Broadway Market, pictured this Sunday at noon.

Hackney Council has announced a tightening up of lockdown enforcement around Broadway Market following widespread alarm at crowds in the area over the weekend.

Local police were called multiple times to enforce social distancing, with community safety chief Cllr Caroline Selman also flagging the market up for further patrols.

Residents and councillors expressed their disbelief at the number of people in the area over the weekend after pictures were posted on social media, with Hackney Mayor Philip Glanville characterising scenes of the sale and purchase of takeaway alcohol as non-essential.

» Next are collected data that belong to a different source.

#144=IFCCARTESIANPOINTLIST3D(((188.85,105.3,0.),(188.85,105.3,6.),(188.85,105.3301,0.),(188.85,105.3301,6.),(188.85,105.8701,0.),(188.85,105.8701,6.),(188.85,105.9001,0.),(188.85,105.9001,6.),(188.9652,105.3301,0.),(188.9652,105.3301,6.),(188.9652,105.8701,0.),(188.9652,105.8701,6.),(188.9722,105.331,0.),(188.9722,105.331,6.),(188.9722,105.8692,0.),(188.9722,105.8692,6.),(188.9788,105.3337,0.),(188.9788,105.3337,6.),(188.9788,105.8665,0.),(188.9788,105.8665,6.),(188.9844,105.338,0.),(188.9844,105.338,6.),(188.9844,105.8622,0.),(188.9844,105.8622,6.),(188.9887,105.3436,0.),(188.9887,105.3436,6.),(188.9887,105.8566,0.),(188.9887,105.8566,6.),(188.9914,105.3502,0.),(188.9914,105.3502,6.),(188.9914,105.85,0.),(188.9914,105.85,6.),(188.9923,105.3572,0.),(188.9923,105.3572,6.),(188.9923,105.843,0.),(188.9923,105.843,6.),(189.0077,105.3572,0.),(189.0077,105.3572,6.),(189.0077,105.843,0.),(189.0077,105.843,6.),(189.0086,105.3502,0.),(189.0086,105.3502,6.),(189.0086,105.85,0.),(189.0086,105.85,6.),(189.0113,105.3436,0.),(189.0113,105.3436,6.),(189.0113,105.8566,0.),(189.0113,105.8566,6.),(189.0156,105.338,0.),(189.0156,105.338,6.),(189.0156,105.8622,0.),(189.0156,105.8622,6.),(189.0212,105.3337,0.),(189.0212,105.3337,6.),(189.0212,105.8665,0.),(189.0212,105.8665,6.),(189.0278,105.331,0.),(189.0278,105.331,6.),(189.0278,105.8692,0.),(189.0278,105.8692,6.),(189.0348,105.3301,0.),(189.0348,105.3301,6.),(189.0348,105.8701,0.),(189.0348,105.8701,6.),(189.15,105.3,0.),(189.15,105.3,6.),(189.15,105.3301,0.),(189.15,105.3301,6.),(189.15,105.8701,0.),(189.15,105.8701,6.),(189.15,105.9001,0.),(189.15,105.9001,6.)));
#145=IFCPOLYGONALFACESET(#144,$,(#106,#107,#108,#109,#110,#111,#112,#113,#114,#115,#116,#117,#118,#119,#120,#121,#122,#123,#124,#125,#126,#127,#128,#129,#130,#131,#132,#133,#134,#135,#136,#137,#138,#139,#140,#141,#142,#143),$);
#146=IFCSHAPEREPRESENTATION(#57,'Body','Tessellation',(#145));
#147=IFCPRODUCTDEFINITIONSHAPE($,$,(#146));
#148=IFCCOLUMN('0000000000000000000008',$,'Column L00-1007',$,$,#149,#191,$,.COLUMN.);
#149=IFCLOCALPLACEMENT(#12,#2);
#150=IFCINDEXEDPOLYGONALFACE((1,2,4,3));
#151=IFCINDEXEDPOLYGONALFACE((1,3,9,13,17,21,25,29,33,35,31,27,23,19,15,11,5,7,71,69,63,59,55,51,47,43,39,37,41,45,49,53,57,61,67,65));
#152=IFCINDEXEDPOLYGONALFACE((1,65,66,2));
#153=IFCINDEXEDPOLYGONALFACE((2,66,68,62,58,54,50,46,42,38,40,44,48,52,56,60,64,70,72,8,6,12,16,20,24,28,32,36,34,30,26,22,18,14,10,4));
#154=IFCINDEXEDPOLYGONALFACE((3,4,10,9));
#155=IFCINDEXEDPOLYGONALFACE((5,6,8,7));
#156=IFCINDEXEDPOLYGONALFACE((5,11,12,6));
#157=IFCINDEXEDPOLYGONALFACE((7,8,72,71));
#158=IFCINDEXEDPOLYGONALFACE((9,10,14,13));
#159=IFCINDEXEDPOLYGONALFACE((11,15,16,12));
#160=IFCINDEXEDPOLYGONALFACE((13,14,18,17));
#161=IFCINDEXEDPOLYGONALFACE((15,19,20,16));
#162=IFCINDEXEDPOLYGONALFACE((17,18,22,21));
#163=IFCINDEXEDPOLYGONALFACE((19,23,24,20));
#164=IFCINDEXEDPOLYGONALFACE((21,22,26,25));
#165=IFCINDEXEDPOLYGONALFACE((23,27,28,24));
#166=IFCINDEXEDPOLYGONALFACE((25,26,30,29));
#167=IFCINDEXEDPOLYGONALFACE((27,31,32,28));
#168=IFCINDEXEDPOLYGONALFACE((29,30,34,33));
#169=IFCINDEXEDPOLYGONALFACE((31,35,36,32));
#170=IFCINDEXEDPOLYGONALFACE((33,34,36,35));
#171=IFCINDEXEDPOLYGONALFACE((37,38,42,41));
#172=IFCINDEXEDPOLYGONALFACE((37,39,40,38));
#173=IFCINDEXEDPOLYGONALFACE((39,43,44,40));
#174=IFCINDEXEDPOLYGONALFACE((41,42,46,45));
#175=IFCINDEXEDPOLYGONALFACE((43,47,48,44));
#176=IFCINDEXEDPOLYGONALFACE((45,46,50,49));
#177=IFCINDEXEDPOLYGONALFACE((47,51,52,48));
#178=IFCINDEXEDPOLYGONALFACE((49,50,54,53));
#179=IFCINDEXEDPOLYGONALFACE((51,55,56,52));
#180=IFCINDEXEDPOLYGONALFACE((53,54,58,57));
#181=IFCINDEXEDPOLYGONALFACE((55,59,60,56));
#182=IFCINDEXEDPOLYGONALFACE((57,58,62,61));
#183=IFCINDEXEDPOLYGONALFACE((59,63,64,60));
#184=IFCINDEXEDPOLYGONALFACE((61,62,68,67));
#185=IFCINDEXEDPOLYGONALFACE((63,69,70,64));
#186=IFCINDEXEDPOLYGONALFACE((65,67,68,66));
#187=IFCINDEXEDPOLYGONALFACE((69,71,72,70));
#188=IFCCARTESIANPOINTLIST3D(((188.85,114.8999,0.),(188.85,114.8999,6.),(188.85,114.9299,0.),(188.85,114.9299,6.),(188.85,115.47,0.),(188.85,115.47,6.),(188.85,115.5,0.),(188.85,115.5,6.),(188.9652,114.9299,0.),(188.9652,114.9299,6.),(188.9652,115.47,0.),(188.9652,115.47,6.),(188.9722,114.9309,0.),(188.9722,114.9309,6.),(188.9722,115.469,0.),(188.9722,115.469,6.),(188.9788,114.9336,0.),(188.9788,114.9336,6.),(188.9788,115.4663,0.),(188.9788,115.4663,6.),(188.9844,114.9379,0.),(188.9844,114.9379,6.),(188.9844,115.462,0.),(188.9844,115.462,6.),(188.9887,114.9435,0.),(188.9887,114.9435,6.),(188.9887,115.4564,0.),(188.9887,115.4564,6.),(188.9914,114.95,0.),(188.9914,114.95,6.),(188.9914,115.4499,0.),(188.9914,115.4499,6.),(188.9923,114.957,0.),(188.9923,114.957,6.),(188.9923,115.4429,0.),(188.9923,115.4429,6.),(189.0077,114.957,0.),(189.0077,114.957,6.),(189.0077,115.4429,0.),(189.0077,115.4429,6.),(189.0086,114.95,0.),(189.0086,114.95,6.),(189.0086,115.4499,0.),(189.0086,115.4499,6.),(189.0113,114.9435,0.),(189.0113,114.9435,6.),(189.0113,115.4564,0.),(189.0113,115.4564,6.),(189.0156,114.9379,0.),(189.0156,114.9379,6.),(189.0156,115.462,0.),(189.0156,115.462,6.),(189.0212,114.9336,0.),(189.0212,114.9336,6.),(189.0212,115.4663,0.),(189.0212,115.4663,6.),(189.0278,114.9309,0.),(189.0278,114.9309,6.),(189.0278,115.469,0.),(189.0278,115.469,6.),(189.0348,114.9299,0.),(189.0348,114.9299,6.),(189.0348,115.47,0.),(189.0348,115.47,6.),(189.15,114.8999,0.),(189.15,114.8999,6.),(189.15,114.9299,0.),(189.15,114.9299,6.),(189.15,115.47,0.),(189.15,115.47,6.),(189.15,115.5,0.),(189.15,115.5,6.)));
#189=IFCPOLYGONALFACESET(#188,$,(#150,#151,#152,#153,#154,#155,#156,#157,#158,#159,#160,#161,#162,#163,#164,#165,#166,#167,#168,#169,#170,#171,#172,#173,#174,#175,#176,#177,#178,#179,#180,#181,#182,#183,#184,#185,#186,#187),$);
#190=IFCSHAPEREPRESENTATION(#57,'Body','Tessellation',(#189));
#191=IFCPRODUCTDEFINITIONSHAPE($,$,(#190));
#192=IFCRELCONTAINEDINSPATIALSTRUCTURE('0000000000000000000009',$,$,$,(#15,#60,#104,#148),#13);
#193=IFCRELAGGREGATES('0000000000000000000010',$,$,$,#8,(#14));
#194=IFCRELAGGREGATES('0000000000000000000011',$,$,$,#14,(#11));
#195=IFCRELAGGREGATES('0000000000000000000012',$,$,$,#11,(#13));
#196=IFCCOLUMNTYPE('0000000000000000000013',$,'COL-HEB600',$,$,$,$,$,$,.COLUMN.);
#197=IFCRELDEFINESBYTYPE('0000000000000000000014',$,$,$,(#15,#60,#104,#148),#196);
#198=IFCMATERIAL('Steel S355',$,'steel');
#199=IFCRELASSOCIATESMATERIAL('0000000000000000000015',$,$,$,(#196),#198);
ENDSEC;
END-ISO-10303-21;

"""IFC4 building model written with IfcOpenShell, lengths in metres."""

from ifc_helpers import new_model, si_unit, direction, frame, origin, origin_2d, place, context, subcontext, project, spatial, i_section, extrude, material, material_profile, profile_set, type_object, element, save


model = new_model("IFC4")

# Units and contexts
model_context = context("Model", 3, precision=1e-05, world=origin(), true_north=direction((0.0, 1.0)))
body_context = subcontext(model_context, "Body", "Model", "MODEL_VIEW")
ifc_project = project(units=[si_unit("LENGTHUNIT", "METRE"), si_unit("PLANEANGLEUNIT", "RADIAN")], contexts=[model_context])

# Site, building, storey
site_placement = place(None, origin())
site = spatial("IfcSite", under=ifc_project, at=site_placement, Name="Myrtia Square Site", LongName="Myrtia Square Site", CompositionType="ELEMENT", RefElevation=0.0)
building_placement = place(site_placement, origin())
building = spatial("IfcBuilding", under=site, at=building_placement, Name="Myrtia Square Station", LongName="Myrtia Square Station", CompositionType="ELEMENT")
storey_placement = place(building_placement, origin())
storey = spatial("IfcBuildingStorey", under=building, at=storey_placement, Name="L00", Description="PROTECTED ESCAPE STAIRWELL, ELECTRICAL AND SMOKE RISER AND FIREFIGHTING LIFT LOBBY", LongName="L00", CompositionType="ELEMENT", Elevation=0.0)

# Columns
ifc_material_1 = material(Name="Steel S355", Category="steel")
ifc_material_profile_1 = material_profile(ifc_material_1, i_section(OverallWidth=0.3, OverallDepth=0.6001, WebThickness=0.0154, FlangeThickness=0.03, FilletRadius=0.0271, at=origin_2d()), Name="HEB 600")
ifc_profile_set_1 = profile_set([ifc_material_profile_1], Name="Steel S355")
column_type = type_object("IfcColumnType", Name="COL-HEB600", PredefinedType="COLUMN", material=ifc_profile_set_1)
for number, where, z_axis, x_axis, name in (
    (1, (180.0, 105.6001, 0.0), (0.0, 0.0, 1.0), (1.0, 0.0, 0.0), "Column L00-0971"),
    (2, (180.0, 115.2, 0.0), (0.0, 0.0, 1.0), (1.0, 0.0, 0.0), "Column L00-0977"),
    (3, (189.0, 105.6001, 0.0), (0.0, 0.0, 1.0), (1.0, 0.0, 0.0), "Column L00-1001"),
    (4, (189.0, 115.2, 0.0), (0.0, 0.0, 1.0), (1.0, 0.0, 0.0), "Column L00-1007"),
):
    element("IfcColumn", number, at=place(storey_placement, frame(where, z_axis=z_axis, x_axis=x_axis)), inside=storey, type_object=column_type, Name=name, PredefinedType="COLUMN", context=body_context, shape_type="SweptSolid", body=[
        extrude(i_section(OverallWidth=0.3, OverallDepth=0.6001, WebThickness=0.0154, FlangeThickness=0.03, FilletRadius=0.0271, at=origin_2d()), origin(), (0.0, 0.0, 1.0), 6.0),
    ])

Now the Town Hall will be suspending parking, as well as closing Broadway Market itself to through traffic, with additional police and council officers to be deployed to advise people and businesses on following the rules.

Louise Brewood, former chair of the Broadway Market Traders’ and Residents’ Association, said: “We got a message from an elderly couple, both in ill health and one having cancer treatment, who had to organise someone to pick them up a newspaper, as at that time on Saturday it was too many people and no space.

“My neighbour took her two-year-old daughter to the shops, got to the top of the road, and decided that they just could not safely get there.

“The council were trying to do their best, but as the lockdown has progressed, to me it feels like the general public that attend the market that are not direct local residents and live round here, it’s like an 18th-century fashion parade. All they’re missing is the big fans.

“Many small and micro market traders have been in touch expressing anxiety and fear over the vast numbers on the street, and anger caused by poor  management has jeopardised the future of the market’s return.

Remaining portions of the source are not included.